Targeted protein degradation (TPD), including proteolysis targeting chimeras (PROTACs) and molecular glue degraders (MGDs), is a promising therapeutic approach. However, systematic discovery of such small molecules remains a major challenge. Here, we present PhenoDEL, a novel phenotypic DNA-encoded library (DEL) screening platform that integrates one-bead one-compound DEL (OBOC-DEL) with the Beacon® optofluidic system for high-throughput, single-cell analysis.

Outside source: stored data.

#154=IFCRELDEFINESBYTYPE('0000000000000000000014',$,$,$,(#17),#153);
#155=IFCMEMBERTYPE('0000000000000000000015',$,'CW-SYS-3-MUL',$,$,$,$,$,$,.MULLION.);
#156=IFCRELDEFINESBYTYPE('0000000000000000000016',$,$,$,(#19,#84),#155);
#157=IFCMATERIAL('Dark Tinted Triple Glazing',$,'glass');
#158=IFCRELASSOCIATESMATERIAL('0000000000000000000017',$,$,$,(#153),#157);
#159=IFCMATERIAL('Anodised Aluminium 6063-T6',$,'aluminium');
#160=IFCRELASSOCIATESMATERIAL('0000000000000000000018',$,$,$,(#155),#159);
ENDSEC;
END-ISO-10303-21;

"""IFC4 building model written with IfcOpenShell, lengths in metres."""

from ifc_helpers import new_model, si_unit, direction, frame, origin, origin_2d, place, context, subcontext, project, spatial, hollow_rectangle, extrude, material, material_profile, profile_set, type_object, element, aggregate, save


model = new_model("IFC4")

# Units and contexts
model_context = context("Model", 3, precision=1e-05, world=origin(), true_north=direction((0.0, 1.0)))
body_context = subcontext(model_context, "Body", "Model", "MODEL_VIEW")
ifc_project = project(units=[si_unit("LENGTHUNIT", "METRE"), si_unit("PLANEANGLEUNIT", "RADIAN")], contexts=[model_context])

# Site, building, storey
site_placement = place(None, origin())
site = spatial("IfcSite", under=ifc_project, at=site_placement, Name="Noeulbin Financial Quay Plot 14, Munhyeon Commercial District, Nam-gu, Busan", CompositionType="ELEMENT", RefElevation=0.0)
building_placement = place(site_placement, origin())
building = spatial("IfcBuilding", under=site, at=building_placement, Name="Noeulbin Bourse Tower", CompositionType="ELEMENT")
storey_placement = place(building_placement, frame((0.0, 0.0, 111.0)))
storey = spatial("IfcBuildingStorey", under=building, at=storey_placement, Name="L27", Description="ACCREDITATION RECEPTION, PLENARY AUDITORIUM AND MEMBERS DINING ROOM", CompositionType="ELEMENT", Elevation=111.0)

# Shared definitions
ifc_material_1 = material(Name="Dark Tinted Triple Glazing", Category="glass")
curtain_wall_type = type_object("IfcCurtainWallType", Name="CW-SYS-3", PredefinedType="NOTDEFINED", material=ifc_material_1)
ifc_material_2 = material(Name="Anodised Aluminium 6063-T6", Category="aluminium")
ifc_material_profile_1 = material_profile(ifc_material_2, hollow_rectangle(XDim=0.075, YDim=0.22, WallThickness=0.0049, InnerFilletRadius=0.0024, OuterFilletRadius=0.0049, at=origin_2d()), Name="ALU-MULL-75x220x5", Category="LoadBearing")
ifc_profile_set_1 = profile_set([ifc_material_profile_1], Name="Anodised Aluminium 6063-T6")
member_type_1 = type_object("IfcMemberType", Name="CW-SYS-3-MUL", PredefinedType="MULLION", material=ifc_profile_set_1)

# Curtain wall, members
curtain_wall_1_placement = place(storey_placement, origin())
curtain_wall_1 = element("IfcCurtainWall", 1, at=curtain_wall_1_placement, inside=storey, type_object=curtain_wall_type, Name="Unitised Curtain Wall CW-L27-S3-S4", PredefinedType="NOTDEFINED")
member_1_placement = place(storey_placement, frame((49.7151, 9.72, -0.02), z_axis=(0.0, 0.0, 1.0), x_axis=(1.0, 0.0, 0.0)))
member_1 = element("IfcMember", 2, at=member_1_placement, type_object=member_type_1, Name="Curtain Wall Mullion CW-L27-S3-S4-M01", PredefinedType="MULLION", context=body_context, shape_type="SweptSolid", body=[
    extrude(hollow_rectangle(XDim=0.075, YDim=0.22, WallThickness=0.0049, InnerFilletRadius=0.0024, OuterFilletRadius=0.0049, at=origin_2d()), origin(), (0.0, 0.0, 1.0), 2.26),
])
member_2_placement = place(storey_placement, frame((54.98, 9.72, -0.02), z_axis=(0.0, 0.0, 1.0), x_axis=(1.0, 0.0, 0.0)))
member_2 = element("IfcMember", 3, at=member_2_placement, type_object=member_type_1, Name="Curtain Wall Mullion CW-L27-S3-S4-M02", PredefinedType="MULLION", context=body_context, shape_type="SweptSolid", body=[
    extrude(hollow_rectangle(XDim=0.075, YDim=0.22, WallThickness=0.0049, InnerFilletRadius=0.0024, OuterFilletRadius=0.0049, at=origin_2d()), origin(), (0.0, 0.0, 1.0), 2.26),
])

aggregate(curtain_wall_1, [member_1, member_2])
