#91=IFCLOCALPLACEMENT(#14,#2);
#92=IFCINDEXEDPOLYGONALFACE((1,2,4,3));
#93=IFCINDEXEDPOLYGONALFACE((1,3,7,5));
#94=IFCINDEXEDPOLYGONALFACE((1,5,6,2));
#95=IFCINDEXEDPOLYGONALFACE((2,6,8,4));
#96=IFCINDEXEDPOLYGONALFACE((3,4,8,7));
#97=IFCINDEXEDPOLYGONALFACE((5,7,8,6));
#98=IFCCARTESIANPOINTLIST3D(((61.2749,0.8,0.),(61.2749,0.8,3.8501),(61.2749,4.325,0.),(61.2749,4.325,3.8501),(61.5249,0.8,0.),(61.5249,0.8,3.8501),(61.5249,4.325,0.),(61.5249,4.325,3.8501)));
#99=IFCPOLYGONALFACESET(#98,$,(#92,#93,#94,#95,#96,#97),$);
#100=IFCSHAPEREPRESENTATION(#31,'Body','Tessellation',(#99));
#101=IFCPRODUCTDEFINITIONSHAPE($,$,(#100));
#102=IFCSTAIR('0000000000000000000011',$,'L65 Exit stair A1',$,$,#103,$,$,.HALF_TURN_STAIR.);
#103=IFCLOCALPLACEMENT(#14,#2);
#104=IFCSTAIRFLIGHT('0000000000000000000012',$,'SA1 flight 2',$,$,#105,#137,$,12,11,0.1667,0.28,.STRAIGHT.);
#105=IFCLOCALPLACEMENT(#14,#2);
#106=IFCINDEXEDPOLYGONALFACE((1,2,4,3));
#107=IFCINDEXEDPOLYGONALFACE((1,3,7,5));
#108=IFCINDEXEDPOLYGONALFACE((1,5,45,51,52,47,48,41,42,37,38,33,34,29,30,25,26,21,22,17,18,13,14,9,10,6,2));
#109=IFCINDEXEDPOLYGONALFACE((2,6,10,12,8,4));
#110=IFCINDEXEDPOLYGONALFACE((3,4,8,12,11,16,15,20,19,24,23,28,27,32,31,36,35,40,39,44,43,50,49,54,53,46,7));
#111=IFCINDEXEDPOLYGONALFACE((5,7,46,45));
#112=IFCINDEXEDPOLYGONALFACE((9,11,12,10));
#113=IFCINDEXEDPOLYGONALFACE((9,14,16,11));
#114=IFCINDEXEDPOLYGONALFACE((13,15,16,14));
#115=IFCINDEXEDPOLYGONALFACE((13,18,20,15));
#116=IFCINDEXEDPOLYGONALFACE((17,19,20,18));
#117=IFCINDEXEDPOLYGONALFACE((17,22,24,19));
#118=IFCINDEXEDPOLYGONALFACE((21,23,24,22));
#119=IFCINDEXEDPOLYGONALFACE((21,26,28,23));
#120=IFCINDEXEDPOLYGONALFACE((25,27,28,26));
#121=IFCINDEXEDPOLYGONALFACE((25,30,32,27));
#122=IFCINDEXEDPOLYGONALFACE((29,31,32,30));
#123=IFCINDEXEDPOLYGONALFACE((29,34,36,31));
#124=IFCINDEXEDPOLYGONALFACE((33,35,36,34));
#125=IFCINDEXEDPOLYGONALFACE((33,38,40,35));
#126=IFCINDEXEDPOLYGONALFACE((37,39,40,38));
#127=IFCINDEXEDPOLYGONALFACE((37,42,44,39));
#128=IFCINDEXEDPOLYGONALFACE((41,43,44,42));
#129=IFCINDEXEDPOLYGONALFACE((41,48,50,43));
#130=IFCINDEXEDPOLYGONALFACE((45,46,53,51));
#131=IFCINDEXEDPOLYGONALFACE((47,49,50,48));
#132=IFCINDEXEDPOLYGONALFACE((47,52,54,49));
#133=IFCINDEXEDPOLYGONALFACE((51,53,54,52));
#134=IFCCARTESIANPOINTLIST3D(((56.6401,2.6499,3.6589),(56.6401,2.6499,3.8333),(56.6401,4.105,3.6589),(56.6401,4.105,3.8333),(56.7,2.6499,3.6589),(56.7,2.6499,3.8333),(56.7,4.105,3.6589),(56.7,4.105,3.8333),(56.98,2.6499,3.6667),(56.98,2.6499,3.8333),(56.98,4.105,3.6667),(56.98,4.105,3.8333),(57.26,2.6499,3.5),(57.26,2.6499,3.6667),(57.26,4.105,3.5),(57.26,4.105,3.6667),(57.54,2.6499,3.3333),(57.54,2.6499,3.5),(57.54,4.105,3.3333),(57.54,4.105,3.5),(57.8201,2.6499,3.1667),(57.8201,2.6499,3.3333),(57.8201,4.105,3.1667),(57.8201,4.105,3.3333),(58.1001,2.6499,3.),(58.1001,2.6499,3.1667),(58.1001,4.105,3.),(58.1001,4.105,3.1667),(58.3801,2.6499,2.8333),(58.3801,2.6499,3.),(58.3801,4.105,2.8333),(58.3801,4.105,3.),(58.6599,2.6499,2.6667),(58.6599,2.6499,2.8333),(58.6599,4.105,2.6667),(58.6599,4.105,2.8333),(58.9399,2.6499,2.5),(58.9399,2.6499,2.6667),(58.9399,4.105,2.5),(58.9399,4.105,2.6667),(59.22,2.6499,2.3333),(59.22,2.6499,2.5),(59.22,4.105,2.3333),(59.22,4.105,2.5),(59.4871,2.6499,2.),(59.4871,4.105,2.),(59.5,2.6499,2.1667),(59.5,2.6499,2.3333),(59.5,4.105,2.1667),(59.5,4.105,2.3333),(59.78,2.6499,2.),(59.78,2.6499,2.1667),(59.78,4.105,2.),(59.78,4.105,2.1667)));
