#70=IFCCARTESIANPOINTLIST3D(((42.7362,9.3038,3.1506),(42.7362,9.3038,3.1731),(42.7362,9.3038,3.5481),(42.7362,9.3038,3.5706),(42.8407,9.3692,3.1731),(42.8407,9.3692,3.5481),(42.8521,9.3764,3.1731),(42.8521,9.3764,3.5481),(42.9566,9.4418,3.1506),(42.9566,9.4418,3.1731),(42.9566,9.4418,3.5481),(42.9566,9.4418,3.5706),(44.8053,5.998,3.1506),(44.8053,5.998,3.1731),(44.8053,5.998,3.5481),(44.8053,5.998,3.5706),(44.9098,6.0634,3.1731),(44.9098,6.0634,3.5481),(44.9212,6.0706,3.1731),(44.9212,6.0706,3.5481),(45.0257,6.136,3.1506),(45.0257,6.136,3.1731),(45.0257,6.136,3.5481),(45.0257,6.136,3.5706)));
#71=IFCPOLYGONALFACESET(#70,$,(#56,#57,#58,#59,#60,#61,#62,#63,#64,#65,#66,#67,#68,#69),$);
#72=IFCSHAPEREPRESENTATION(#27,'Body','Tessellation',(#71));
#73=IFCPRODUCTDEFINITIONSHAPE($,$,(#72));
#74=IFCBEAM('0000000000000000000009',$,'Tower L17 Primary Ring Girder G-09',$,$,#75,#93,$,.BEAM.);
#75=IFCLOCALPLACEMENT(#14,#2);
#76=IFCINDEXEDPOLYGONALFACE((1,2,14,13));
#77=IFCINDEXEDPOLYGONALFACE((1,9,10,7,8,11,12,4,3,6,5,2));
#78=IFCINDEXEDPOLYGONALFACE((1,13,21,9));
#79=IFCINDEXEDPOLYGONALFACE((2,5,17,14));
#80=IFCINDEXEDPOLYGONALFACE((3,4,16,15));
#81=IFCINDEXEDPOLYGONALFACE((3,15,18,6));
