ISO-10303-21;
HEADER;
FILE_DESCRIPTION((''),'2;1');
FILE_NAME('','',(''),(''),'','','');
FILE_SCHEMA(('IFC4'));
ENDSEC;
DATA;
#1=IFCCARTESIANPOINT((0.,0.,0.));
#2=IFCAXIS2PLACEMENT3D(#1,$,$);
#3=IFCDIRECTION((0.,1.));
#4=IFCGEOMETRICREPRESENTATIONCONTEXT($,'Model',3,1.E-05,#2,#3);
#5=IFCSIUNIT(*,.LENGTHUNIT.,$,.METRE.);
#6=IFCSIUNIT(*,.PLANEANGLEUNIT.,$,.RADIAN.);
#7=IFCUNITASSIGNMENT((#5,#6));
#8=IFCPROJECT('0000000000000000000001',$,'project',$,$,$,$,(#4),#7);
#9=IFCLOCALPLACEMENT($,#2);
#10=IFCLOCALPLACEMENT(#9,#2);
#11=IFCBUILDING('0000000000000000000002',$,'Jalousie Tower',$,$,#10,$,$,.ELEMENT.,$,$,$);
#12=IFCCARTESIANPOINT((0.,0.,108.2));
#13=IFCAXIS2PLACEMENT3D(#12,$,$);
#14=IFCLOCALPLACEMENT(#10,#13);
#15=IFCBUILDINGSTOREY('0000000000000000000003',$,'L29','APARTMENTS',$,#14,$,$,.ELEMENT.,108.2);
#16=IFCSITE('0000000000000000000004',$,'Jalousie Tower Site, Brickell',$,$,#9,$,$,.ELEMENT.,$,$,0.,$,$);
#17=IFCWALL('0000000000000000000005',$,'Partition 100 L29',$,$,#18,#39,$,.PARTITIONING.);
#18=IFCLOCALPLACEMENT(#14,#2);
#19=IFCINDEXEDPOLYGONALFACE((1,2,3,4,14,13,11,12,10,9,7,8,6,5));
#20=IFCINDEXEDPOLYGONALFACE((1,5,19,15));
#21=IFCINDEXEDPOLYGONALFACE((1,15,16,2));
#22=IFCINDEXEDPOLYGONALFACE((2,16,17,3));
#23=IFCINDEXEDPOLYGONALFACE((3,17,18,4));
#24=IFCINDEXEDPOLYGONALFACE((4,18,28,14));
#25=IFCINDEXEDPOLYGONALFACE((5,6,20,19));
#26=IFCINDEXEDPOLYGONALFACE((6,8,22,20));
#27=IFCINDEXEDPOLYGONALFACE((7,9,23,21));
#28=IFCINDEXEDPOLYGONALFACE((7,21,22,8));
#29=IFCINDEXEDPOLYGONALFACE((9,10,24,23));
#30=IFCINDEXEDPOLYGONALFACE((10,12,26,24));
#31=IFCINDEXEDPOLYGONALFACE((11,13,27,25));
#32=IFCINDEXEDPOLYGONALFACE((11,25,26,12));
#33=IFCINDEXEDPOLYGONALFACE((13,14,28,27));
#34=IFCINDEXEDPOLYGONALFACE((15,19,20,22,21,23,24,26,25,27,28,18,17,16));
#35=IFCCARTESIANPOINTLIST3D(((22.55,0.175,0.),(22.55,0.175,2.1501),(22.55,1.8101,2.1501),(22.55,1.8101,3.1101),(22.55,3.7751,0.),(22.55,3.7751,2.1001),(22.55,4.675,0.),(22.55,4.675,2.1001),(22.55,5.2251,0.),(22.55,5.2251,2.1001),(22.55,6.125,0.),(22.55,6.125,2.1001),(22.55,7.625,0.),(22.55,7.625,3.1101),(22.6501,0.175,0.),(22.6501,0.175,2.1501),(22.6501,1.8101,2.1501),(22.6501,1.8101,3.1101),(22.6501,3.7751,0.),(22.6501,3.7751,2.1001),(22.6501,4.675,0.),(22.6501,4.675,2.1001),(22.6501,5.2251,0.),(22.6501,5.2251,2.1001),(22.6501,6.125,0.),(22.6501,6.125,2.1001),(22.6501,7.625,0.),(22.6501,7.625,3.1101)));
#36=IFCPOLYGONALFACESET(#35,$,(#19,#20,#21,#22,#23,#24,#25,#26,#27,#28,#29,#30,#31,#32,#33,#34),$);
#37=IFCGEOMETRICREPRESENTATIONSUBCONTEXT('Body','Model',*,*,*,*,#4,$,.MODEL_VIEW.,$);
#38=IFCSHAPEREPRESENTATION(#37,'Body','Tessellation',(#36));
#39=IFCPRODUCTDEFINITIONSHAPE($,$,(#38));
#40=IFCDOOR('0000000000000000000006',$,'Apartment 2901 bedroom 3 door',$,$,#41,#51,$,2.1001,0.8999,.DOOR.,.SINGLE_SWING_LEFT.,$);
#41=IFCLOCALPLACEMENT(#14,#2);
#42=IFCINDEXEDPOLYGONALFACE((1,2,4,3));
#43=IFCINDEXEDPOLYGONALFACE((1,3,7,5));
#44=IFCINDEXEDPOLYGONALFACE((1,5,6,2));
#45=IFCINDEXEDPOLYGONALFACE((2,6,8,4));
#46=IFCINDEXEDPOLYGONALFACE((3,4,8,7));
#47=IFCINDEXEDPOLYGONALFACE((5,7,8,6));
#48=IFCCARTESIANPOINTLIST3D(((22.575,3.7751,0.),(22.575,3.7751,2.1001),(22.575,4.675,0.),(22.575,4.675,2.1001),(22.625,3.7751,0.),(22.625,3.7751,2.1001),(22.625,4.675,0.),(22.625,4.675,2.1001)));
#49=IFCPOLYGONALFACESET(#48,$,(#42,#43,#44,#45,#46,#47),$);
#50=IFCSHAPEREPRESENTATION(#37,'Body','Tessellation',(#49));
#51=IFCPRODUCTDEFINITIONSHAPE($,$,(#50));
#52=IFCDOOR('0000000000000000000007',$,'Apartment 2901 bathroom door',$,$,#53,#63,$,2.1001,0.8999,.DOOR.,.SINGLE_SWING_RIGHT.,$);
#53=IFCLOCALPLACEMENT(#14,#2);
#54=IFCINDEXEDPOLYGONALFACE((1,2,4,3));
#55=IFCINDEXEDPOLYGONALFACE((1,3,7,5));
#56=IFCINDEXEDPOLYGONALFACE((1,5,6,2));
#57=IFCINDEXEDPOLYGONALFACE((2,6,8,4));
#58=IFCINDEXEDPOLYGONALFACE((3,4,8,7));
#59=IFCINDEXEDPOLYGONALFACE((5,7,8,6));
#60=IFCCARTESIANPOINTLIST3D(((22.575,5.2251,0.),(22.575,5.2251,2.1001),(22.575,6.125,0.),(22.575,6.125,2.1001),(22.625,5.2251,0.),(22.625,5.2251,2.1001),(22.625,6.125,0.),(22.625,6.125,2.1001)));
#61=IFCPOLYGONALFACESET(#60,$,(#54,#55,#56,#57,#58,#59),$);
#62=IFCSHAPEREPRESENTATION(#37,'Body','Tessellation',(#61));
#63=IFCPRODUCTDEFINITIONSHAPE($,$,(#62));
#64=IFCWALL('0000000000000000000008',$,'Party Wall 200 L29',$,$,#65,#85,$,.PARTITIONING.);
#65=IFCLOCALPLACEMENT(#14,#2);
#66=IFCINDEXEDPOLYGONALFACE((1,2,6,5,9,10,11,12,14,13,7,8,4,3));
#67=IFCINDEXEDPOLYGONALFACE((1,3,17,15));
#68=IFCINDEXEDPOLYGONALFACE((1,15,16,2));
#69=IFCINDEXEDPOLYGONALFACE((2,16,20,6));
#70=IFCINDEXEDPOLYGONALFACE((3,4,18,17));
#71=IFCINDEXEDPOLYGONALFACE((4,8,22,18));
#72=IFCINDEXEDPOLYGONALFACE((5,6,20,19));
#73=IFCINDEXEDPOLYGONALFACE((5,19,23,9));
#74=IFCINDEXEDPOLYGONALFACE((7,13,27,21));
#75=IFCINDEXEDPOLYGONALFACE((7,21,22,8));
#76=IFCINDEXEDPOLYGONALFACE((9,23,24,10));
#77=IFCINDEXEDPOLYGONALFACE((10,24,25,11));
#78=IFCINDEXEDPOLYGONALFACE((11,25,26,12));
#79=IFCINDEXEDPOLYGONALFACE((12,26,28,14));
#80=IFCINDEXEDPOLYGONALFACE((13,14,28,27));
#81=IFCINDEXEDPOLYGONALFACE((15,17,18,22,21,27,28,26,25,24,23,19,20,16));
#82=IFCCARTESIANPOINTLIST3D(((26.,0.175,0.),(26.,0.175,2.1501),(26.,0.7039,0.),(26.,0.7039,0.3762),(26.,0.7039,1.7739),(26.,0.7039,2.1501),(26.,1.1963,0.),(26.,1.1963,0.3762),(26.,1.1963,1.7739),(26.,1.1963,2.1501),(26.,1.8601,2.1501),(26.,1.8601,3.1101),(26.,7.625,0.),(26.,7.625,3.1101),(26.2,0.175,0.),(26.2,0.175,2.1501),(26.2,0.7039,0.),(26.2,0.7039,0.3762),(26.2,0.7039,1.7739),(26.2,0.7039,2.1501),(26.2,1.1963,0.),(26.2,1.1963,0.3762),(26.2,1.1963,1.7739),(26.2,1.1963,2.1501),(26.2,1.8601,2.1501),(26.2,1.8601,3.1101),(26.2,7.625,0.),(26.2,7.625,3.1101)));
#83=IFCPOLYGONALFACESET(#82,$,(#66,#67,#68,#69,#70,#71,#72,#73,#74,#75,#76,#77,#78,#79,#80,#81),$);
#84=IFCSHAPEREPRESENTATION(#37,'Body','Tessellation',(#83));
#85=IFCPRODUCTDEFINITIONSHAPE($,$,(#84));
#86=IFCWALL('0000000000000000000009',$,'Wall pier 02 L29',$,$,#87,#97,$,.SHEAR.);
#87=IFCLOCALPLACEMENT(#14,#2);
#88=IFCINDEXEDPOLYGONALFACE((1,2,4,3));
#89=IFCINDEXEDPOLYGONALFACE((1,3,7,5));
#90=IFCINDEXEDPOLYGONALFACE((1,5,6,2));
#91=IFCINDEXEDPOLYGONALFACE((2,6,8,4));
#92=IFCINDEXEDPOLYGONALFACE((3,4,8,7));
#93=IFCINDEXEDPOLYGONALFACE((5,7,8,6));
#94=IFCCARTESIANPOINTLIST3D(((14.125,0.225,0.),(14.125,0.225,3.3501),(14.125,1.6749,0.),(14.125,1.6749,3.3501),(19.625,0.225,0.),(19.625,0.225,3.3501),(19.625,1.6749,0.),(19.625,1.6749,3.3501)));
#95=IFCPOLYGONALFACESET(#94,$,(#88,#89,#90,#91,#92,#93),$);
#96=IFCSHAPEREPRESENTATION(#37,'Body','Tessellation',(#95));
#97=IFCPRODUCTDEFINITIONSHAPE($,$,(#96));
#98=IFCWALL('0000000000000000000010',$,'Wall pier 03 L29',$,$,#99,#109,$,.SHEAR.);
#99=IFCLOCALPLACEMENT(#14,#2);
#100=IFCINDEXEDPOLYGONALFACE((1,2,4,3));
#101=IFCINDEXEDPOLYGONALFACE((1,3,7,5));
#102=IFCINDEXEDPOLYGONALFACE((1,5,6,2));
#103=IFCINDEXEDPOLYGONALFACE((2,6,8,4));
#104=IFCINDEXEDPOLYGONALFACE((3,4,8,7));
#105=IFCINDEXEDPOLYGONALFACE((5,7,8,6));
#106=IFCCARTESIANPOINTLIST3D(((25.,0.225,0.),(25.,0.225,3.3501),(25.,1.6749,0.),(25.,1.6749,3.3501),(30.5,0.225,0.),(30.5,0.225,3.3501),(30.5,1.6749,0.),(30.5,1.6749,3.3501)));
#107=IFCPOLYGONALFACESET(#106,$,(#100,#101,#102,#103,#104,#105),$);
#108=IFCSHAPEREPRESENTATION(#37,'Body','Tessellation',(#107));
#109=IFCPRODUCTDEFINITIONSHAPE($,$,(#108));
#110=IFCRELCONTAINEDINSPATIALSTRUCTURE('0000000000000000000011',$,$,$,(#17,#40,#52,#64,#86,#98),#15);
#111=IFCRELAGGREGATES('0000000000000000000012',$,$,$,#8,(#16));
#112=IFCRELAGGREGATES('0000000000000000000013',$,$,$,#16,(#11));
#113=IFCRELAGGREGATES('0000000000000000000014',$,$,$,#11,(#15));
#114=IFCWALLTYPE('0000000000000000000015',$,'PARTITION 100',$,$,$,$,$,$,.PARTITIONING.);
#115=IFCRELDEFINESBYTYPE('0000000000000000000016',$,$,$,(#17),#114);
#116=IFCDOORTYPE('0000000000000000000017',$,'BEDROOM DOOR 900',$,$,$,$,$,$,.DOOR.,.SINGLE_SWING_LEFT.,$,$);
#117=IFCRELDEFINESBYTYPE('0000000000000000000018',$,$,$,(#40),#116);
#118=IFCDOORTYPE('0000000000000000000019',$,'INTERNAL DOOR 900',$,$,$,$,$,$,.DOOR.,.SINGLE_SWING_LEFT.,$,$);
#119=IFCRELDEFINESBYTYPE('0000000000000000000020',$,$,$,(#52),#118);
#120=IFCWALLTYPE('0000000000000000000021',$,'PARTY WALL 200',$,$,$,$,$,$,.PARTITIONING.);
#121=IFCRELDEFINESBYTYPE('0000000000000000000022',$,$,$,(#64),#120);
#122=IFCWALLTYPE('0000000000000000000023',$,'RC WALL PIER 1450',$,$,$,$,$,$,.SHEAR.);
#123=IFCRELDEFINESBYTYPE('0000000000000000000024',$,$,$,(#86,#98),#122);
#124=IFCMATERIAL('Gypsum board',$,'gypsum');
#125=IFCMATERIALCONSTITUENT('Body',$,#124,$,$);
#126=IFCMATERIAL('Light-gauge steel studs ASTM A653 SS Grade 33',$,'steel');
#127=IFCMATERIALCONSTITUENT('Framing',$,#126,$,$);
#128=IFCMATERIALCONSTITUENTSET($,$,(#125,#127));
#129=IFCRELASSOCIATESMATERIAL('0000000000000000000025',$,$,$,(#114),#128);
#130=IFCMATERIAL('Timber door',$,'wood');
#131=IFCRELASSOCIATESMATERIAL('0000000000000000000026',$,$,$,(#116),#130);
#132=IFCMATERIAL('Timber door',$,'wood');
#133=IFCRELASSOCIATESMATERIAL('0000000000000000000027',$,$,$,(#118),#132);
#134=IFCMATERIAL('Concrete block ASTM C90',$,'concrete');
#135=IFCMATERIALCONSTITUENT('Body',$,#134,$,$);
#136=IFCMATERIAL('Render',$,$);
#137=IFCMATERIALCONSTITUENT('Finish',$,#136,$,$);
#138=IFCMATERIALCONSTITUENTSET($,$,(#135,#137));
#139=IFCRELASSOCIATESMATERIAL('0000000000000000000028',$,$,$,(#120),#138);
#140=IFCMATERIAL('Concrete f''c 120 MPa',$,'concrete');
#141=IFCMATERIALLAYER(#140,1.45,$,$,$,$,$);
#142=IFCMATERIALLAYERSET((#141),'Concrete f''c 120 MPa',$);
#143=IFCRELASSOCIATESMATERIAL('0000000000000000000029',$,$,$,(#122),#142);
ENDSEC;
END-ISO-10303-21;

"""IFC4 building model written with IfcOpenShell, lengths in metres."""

from ifc_helpers import new_model, si_unit, direction, frame, frame_2d, origin, place, context, subcontext, project, spatial, polyline, rectangle, outline, extrude, material, layer, layer_set, constituent, constituent_set, type_object, element, fill, save


model = new_model("IFC4")

# Units and contexts
model_context = context("Model", 3, precision=1e-05, world=origin(), true_north=direction((0.0, 1.0)))
body_context = subcontext(model_context, "Body", "Model", "MODEL_VIEW")
ifc_project = project(units=[si_unit("LENGTHUNIT", "METRE"), si_unit("PLANEANGLEUNIT", "RADIAN")], contexts=[model_context])

# Site, building, storey
site_placement = place(None, origin())
site = spatial("IfcSite", under=ifc_project, at=site_placement, Name="Jalousie Tower Site, Brickell", CompositionType="ELEMENT", RefElevation=0.0)
building_placement = place(site_placement, origin())
building = spatial("IfcBuilding", under=site, at=building_placement, Name="Jalousie Tower", CompositionType="ELEMENT")
storey_placement = place(building_placement, frame((0.0, 0.0, 108.2)))
storey = spatial("IfcBuildingStorey", under=building, at=storey_placement, Name="L29", Description="APARTMENTS", CompositionType="ELEMENT", Elevation=108.2)

# Shared definitions
ifc_material_1 = material(Name="Gypsum board", Category="gypsum")
ifc_constituent_1 = constituent(ifc_material_1, Name="Body")
ifc_material_2 = material(Name="Light-gauge steel studs ASTM A653 SS Grade 33", Category="steel")
ifc_constituent_2 = constituent(ifc_material_2, Name="Framing")
ifc_constituent_set_1 = constituent_set(constituents=[ifc_constituent_1, ifc_constituent_2])
wall_type_1 = type_object("IfcWallType", Name="PARTITION 100", PredefinedType="PARTITIONING", material=ifc_constituent_set_1)
ifc_material_3 = material(Name="Timber door", Category="wood")
door_type_1 = type_object("IfcDoorType", Name="BEDROOM DOOR 900", OperationType="SINGLE_SWING_LEFT", PredefinedType="DOOR", material=ifc_material_3)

By co-culturing individual OBOC-DEL beads and engineered reporter cells in nanoliter-scale chambers, PhenoDEL enables direct observation of compound-induced protein degradation at single-cell resolution. We demonstrate this approach by identifying compounds that induce degradation of FKBP12 ^F36V -EGFP fusion proteins in PC-3 cells. The workflow allows precise linkage between compound identity and cellular phenotype via DNA barcoding and next-generation sequencing. PhenoDEL overcomes limitations of conventional screening methods, offering high sensitivity, spatial control, and scalability. This platform holds significant potential for mechanism-driven drug discovery, including identification of novel PROTACs and MGDs.